Go home and ask your non-medical neighbors how many of them have ever been assaulted on the job. See how many of them live in fear of simply being at work. Trust me, they won’t even understand the questions. They work in comfortable places where their actions and reactions are ruled by logic, discussion and analysis. We don’t live that way. We deal with stupidity, emotional irrationality and behaviors where no amount of logic will prevail.

And yet we proceed, entering each new room with compassion . . . and a quiver of Haldol blow darts and leathers. When things get out of hand, we do what we must to calm the situation. Probably the only people who really empathize with us are the police. Be slow to judge. All emergency personnel know there are no simple answers.

Vox temporus, vox dei
The voice of the times is the voice of God 

Photo from Seattle Municipal Archives

Talk Back: Respond to this column on Twitter (@epmonthly). The EPM staff will inscribe your message on the opening page of The Iliad and leave it on Dr. Henry’s work bench.

ABOUT THE AUTHOR

EXECUTIVE EDITOR
Dr. Henry is the founder and CEO of Medical Practice Risk Assessment, Inc.; past president of ACEP.

6 Comments

  1. Amen! Dr. Henry you write so eloquently what I have thought on this topic. We are warriors as are police officers and we must be ready at any time to defend ourselves. Same patients, different day.

  2. Keith Cornstock on

    ‘Emergency doctors and nurses work in inherently dangerous situations’

    Well said. Similar to ED doctors, cops have to deal with what comes there way and have no choice. Cops however have more rights/leeway and can often do what they want and get away with it.
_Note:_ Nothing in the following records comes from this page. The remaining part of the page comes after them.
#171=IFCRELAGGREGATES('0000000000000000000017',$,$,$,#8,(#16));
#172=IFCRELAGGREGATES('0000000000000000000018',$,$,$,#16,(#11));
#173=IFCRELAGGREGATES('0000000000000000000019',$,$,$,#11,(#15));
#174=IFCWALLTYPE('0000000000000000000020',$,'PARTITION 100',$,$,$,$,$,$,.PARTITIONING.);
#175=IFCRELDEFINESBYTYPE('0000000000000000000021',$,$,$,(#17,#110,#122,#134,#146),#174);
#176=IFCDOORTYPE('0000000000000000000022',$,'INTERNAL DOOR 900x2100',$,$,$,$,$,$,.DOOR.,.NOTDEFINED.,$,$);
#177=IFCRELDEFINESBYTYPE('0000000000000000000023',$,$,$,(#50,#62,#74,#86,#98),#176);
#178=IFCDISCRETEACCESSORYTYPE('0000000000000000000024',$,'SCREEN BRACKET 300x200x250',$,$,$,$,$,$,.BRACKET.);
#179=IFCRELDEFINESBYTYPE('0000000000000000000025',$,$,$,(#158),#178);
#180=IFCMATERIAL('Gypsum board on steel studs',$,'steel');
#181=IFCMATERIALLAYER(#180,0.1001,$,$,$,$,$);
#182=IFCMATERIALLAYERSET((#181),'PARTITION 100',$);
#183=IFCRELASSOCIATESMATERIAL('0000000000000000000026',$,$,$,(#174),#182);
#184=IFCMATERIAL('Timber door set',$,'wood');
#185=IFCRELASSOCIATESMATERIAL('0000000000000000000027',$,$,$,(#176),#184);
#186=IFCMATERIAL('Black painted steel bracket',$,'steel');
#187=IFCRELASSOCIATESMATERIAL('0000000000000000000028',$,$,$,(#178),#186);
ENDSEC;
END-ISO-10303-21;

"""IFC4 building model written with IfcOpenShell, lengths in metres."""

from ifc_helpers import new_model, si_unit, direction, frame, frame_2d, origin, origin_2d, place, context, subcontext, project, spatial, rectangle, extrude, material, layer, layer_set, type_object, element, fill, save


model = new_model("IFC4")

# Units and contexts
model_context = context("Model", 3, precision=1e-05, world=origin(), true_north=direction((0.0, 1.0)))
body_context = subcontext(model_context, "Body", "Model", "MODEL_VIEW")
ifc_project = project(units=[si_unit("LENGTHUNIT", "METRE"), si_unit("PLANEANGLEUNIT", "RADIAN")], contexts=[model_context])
    If anyone of us had punched a “customer” in the testicle(s), we’d be fired despite the torrents of verbal/physical abuse we sustained. Additionally, our Director wouldn’t allow us to be Sick for four days.

  3. Now because of HCAPS, Value Based Purchasing and other stupid ideas, these “. . . mentally ill, morally bankrupt and outright dangerous” individuals get to determine whether we are “good doctors” and should be paid (or not) for all our hard work.

  4. Jesse Belville, PA-C on

    Have you read gavin DeBecker’s the gift of fear, or LTC Dave Grossman’s ON Killing, or rory Miller’s “Facing Violence..
    Valuable insights to people and violence. I read them and sent copies to All my Children.
    I have confronted violence to my nurse’s and sometimes me In Rural ER’s all my 38 year career
    Drunks, druggies, got jumped only once and he got lifted by his throat and Testicles and slammed onto the Gurney, told to behave. He did and tried to press charges against me. did not work..I go armed with knowledge and Judgement and most will telegraph their intentions. so train and be prepared. We do live in a dangerous world.. Where do most accidents happen? At home, MVA’s within 5 miles of home. No safety. Never was.Vietnam Vet medic, PA-C, old guy, grandpa.. Boy scout. Be prepared.

  5. Dr Henry

    I was listening to your talks back when I was but a mere paramedic, and I continue to read your columns now. I’ve always enjoyed your perspective, and particularly your language. You understand and evince the power of language to work on many levels concurrently.

    So, it pains me to see you toss in the phrase “welfare ghetto.” This is unnecessarily pejorative, and serves to strengthen the false assumption that “people who get welfare” = “people who live in urban areas, usually with pigmented skin.”

    Frankly, I’m sure you could explain my own objections more eloquently than I am doing. Would love to hear your perspective on why that phrase seemed important to use.